Certification Problem

Input (TPDB SRS_Relative/Waldmann_19/random-145)

The relative rewrite relation R/S is considered where R is the following TRS

a(b(c(x1)))	→	c(b(c(x1)))	(1)
c(b(c(x1)))	→	a(c(b(x1)))	(2)
b(c(c(x1)))	→	b(b(b(x1)))	(3)
b(b(a(x1)))	→	b(c(a(x1)))	(4)

and S is the following TRS.

a(c(a(x1)))	→	a(b(a(x1)))	(5)
a(b(b(x1)))	→	c(c(c(x1)))	(6)

Property / Task

Prove or disprove termination.

Answer / Result

Yes.

Proof (by AProVE @ termCOMP 2023)

1 Rule Removal

Using the matrix interpretations of dimension 3 with strict dimension 1 over the integers

[a(x₁)]

2	0	2
0	0	0
0	0	2

· x₁

[b(x₁)]

2	0	0
0	0	0
0	0	0

· x₁

[c(x₁)]

2	0	0
0	0	0
0	2	0

· x₁

all of the following rules can be deleted.

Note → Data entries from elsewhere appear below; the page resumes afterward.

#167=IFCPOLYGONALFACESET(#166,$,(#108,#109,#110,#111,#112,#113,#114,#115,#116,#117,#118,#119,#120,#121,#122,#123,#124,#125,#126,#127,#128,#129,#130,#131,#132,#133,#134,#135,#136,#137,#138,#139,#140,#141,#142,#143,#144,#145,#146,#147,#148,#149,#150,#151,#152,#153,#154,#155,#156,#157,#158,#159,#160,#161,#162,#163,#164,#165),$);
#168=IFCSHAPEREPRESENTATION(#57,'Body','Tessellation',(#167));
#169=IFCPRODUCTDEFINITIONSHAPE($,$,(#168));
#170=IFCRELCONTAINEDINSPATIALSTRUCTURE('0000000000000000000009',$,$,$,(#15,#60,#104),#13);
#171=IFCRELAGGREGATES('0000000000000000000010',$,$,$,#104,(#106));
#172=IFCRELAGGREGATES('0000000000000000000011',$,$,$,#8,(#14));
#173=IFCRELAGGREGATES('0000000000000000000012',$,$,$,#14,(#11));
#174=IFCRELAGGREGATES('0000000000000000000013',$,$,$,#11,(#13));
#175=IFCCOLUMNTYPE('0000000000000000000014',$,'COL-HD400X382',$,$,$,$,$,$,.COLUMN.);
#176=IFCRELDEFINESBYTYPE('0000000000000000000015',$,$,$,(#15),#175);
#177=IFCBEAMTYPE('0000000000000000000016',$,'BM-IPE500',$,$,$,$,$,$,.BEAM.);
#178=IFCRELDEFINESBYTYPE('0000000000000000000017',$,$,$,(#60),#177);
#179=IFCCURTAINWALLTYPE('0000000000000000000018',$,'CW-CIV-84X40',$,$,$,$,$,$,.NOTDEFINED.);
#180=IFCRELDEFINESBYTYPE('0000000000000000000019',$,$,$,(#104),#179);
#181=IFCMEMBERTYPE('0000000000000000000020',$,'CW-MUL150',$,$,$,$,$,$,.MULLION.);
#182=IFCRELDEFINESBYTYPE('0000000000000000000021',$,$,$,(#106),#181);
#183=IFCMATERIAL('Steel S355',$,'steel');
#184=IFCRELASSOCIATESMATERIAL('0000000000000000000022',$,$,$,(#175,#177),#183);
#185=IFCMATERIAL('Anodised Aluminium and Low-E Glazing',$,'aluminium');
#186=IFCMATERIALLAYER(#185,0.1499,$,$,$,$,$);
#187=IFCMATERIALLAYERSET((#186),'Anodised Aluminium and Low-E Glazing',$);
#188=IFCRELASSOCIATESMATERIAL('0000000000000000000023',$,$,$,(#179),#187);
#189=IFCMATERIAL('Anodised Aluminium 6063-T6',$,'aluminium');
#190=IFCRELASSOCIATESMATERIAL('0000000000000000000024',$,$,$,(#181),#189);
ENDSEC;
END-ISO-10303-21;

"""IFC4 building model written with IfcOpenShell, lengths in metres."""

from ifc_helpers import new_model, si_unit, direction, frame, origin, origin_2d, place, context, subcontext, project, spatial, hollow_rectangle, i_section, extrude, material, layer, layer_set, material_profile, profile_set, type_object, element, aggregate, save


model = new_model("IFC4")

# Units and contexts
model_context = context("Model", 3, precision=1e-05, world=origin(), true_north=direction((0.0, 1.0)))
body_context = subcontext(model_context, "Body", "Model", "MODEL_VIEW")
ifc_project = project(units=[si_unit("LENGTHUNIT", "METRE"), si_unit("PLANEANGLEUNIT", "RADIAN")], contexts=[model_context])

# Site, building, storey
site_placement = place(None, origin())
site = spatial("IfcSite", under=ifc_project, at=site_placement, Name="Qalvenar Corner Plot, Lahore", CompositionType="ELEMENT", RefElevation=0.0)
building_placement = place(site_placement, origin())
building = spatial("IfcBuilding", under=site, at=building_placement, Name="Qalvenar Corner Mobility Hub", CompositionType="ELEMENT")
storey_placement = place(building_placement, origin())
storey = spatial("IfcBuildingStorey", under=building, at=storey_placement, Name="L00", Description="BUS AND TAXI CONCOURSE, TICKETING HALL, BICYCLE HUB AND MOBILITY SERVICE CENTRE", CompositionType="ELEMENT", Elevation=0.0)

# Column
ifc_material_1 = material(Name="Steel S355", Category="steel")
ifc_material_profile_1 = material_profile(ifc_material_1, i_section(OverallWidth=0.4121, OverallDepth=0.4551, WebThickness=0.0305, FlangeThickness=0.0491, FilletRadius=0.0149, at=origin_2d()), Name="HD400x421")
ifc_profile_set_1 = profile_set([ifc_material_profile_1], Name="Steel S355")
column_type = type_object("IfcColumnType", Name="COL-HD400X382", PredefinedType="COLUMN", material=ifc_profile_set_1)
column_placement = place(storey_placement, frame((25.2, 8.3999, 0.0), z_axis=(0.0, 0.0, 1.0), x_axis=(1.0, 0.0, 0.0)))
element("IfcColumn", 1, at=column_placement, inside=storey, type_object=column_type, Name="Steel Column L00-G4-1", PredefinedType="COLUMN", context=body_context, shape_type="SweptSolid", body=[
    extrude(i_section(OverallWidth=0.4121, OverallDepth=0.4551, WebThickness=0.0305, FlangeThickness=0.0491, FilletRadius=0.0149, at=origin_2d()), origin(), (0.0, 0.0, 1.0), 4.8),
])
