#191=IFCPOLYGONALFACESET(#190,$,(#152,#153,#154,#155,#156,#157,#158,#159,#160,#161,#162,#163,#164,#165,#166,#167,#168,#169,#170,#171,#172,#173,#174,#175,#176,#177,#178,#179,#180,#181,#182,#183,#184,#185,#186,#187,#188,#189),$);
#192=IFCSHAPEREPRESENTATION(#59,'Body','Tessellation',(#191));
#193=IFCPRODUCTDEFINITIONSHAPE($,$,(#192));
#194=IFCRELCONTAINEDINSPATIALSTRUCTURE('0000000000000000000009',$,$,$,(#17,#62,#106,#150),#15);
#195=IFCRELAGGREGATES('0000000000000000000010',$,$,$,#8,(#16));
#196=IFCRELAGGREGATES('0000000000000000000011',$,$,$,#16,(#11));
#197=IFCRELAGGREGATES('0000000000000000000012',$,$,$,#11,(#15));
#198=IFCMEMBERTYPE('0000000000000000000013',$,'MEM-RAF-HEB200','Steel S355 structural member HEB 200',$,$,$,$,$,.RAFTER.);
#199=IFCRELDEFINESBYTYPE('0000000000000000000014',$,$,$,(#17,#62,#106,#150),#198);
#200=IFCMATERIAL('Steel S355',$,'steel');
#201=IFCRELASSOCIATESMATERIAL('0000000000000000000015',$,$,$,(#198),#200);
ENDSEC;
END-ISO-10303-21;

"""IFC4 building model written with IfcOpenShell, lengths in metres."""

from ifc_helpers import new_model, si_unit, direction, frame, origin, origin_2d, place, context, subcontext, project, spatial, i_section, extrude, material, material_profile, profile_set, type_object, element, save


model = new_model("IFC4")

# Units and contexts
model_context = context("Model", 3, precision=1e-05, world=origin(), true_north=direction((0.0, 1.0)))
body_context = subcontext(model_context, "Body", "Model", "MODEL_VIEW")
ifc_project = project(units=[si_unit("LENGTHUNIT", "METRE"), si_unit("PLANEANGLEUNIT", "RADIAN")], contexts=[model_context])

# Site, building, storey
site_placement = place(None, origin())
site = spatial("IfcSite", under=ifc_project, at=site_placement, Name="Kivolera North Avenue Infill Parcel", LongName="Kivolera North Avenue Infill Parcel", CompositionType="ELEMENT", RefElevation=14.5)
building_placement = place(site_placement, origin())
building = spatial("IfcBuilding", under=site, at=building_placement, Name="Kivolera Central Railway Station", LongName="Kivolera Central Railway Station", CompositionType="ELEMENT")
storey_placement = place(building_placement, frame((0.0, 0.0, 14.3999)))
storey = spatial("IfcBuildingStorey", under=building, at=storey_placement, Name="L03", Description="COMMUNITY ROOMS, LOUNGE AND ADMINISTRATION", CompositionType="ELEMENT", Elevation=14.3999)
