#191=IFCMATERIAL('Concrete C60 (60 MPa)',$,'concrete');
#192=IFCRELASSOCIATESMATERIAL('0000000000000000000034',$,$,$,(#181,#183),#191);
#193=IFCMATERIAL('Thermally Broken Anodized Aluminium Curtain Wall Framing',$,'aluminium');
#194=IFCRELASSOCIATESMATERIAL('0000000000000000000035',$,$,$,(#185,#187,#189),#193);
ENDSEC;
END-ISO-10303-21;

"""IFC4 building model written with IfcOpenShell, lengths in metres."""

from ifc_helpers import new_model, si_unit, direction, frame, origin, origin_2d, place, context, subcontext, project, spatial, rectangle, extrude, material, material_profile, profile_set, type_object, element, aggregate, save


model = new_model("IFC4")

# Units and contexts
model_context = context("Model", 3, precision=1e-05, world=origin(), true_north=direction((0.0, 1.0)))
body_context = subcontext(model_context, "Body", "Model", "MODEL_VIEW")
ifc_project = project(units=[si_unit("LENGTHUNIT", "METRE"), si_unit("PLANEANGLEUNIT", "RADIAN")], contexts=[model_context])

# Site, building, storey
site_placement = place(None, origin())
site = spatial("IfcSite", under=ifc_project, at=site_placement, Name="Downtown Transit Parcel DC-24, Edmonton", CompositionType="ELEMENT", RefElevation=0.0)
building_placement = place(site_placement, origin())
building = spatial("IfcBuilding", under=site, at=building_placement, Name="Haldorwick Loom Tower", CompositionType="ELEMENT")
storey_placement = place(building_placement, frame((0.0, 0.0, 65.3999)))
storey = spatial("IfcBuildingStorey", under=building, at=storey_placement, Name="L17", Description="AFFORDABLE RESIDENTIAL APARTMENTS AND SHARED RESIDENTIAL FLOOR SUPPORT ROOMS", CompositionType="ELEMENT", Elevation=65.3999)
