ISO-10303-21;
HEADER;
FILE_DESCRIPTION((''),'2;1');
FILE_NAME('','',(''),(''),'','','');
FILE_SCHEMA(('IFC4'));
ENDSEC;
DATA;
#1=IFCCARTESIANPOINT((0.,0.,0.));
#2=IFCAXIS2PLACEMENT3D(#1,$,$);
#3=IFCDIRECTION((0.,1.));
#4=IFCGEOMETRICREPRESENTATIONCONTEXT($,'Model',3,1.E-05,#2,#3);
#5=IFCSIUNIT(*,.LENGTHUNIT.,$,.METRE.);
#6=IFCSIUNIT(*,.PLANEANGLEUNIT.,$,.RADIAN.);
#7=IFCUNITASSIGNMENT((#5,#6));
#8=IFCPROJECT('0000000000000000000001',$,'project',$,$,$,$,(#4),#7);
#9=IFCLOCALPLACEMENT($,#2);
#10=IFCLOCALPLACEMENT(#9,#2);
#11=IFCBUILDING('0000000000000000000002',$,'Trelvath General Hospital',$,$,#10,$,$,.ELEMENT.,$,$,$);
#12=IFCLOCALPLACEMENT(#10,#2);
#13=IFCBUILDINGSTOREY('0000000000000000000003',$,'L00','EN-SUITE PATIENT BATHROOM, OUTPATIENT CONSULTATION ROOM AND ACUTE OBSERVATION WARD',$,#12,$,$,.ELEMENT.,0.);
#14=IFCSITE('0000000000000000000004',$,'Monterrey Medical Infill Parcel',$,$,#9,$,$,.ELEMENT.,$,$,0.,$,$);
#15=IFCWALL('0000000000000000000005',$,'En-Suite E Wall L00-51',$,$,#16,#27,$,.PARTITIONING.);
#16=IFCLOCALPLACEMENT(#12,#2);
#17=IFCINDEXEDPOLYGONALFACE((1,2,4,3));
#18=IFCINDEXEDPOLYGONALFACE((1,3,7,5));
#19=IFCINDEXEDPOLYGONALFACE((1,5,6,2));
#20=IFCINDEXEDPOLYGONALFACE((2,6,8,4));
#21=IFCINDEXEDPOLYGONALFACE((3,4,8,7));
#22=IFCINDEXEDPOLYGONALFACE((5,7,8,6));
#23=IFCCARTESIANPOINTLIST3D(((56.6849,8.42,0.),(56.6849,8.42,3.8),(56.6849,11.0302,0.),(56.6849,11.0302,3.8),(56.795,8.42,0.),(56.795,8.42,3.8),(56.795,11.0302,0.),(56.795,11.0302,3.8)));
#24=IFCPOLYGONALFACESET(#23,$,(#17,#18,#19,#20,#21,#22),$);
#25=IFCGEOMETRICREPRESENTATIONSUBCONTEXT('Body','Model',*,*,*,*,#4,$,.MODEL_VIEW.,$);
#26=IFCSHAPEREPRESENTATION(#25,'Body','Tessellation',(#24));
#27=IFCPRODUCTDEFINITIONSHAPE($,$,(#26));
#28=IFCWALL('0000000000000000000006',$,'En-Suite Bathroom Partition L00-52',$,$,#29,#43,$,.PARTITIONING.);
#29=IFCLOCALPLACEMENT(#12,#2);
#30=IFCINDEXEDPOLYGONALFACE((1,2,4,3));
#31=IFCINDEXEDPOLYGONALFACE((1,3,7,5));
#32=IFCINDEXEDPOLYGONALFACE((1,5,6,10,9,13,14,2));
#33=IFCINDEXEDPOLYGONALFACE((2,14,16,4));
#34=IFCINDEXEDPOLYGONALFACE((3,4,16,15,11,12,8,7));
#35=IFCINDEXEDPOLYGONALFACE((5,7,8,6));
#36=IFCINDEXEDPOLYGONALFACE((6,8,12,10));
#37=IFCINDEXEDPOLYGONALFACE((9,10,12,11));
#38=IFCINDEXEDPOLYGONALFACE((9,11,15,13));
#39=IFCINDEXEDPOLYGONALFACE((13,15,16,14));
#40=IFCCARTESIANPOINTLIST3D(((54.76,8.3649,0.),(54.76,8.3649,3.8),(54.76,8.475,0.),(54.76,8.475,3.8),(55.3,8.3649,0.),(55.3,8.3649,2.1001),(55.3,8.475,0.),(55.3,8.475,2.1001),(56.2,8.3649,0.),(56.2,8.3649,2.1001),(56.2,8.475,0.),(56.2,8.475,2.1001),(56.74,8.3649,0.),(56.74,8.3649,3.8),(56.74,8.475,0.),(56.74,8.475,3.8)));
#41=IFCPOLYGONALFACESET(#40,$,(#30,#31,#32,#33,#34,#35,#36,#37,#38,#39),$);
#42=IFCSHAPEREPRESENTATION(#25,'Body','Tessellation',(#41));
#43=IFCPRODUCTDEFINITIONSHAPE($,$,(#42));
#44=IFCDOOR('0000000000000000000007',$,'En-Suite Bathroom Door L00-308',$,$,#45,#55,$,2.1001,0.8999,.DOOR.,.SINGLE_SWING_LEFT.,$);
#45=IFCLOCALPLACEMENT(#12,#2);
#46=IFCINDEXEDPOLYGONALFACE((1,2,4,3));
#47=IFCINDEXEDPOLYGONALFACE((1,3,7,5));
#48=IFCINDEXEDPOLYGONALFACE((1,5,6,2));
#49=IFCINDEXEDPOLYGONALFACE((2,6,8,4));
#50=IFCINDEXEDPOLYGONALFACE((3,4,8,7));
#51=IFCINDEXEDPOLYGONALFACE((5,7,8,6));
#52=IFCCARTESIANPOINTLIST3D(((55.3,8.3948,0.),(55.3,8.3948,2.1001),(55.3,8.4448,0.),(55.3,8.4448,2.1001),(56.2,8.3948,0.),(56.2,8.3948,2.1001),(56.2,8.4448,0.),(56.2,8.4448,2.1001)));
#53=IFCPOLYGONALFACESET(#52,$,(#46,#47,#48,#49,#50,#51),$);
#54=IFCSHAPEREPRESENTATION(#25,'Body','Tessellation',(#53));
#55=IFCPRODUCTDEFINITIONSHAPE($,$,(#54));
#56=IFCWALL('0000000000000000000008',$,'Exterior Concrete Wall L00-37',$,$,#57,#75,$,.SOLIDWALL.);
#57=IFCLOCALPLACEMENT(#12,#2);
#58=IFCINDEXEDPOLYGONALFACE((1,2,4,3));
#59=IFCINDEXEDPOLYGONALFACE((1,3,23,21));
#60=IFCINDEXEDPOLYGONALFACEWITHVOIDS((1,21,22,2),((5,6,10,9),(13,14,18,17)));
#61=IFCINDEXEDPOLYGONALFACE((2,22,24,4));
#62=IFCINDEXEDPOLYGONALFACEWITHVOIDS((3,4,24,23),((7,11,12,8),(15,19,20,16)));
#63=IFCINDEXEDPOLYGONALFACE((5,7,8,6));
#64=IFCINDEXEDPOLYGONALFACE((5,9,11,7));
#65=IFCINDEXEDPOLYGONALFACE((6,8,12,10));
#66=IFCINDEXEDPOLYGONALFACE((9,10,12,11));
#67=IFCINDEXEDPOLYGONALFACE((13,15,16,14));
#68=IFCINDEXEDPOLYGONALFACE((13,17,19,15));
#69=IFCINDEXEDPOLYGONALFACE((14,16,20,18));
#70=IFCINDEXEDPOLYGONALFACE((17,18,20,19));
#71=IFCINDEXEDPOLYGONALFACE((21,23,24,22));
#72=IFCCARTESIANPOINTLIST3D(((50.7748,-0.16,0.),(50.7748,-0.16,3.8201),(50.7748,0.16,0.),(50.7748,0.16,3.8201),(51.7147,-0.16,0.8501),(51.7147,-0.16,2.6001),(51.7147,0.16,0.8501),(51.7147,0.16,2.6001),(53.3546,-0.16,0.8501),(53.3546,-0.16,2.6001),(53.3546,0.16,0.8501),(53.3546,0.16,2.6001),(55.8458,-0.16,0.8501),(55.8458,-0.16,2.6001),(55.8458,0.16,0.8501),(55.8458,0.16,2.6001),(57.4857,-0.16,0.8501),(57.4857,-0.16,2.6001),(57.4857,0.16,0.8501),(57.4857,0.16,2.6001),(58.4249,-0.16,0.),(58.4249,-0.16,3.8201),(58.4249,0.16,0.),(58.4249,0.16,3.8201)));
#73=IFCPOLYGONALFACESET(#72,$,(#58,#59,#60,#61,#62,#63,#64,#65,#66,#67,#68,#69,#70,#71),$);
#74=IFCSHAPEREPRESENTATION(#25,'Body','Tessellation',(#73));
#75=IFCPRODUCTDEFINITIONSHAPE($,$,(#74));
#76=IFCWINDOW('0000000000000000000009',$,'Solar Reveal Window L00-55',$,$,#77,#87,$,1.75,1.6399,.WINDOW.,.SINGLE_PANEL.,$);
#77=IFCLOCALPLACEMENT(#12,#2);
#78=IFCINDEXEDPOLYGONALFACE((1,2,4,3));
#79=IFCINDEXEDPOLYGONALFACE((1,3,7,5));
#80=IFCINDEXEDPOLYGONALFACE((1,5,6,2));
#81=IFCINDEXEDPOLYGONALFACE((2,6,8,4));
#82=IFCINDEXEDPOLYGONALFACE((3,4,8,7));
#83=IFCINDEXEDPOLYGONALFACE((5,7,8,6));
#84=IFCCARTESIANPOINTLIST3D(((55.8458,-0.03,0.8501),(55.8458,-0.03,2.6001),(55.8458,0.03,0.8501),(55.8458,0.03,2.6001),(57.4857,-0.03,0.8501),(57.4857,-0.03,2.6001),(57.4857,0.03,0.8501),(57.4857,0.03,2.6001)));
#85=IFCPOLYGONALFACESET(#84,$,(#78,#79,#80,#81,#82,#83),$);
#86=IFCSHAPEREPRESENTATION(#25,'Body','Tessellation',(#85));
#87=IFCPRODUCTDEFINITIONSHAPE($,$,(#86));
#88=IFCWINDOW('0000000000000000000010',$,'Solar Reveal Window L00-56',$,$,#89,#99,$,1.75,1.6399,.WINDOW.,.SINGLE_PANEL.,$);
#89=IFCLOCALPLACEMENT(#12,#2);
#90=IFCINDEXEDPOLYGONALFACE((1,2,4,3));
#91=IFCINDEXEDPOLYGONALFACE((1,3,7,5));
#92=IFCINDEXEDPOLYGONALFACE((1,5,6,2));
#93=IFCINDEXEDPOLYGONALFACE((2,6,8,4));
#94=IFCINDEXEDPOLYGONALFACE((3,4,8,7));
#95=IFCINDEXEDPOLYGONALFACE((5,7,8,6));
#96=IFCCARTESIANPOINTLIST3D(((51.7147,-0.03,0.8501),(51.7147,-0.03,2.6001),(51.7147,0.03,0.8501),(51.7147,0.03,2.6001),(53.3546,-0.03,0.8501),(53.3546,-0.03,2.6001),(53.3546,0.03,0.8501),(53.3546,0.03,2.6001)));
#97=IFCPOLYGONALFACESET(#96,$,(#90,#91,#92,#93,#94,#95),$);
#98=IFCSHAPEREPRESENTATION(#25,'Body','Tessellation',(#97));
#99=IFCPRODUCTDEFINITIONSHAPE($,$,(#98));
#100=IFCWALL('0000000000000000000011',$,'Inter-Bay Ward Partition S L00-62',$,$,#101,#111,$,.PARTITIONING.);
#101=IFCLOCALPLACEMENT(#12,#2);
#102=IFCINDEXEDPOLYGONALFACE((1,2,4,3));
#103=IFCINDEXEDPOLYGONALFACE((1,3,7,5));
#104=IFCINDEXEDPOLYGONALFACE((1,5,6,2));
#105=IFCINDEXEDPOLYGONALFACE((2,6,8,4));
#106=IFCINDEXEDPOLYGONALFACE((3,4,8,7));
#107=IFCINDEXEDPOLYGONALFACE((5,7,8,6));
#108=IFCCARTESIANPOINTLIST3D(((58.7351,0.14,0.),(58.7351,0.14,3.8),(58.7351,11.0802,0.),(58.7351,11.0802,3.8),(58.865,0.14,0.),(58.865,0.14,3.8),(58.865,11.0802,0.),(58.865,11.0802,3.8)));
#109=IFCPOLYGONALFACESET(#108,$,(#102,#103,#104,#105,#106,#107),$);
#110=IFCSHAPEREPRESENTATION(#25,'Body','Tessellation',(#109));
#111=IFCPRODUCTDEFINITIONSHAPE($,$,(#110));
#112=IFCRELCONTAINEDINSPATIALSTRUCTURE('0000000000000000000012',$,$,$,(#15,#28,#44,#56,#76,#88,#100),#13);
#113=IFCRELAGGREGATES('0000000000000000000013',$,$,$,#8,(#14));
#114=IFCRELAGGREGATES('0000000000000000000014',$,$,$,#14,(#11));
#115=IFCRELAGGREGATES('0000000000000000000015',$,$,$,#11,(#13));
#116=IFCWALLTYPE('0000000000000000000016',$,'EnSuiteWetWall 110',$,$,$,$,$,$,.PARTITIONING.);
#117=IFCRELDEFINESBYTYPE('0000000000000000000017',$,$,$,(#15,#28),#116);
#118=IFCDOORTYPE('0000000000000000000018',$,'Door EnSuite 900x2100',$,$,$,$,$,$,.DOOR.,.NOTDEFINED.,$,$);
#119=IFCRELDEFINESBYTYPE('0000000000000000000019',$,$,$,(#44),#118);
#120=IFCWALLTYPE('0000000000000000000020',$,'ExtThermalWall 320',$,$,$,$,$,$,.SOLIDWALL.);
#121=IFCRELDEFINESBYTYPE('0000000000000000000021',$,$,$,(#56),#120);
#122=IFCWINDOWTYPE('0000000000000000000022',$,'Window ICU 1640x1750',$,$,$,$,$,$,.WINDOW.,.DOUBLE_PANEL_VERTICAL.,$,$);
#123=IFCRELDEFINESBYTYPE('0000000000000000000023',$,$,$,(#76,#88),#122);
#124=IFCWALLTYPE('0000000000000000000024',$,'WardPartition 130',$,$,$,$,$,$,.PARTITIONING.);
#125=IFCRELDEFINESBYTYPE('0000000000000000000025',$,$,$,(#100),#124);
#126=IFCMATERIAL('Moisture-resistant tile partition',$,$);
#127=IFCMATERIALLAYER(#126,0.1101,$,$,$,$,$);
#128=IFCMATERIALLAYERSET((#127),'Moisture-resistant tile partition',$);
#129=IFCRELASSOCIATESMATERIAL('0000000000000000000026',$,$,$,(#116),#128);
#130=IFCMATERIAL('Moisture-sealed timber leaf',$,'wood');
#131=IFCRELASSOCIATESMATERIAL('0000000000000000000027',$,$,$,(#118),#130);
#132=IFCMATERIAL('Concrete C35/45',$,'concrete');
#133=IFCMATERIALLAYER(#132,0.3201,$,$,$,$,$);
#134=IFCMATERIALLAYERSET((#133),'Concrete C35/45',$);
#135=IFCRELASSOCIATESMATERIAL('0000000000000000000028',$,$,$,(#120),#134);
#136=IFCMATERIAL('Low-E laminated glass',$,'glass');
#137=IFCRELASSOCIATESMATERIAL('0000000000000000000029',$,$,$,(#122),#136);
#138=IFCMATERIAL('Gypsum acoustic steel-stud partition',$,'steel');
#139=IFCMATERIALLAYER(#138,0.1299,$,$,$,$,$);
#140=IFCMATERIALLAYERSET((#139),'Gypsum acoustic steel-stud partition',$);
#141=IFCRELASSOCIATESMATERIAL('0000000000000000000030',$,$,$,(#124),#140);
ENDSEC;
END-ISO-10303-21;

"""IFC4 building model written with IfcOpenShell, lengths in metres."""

from ifc_helpers import new_model, si_unit, direction, frame, frame_2d, origin, place, context, subcontext, project, spatial, rectangle, extrude, material, layer, layer_set, type_object, element, fill, save


model = new_model("IFC4")

# Units and contexts
model_context = context("Model", 3, precision=1e-05, world=origin(), true_north=direction((0.0, 1.0)))
body_context = subcontext(model_context, "Body", "Model", "MODEL_VIEW")
ifc_project = project(units=[si_unit("LENGTHUNIT", "METRE"), si_unit("PLANEANGLEUNIT", "RADIAN")], contexts=[model_context])

# Site, building, storey
site_placement = place(None, origin())
site = spatial("IfcSite", under=ifc_project, at=site_placement, Name="Monterrey Medical Infill Parcel", CompositionType="ELEMENT", RefElevation=0.0)
building_placement = place(site_placement, origin())
building = spatial("IfcBuilding", under=site, at=building_placement, Name="Trelvath General Hospital", CompositionType="ELEMENT")
storey_placement = place(building_placement, origin())
storey = spatial("IfcBuildingStorey", under=building, at=storey_placement, Name="L00", Description="EN-SUITE PATIENT BATHROOM, OUTPATIENT CONSULTATION ROOM AND ACUTE OBSERVATION WARD", CompositionType="ELEMENT", Elevation=0.0)

# Wall
ifc_material_1 = material(Name="Moisture-resistant tile partition")
ifc_layer_1 = layer(ifc_material_1, 0.1101)
ifc_layer_set_1 = layer_set([ifc_layer_1], Name="Moisture-resistant tile partition")
wall_type_1 = type_object("IfcWallType", Name="EnSuiteWetWall 110", PredefinedType="PARTITIONING", material=ifc_layer_set_1)
for number, where, z_axis, x_axis, name in (
    (1, (56.74, 8.4199, 0.0), (0.0, 0.0, 1.0), (0.0, 1.0, 0.0), "En-Suite E Wall L00-51"),
):
    element("IfcWall", number, at=place(storey_placement, frame(where, z_axis=z_axis, x_axis=x_axis)), inside=storey, type_object=wall_type_1, Name=name, PredefinedType="PARTITIONING", context=body_context, shape_type="SweptSolid", body=[
        extrude(rectangle(XDim=2.6101, YDim=0.1101, at=frame_2d((1.3052, 0.0))), origin(), (0.0, 0.0, 1.0), 3.8),
    ])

a(b(c(x1)))	→	c(b(c(x1)))	(1)
a(b(b(x1)))	→	c(c(c(x1)))	(6)

1.1 Rule Removal

Using the linear polynomial interpretation over the naturals

[c(x₁)]	=	1 + 1 · x₁
[b(x₁)]	=	1 + 1 · x₁
[a(x₁)]	=	1 · x₁

all of the following rules can be deleted.

c(b(c(x1)))

→

a(c(b(x1)))

(2)

1.1.1 Rule Removal

Using the matrix interpretations of dimension 2 with strict dimension 1 over the integers

[b(x₁)]

1	0
0	0

· x₁

[c(x₁)]

1	2
0	0

· x₁

[a(x₁)]

1	0
0	0

· x₁

all of the following rules can be deleted.

b(c(c(x1)))

→

b(b(b(x1)))

(3)

1.1.1.1 Rule Removal

Using the matrix interpretations of dimension 2 with strict dimension 1 over the integers

[b(x₁)]

2	2
0	0

· x₁

[a(x₁)]

1	0
1	0

· x₁

[c(x₁)]

2	2
0	0

· x₁

all of the following rules can be deleted.

b(b(a(x1)))

→

b(c(a(x1)))

(4)

1.1.1.1.1 R is empty

There are no rules in the TRS. Hence, it is terminating.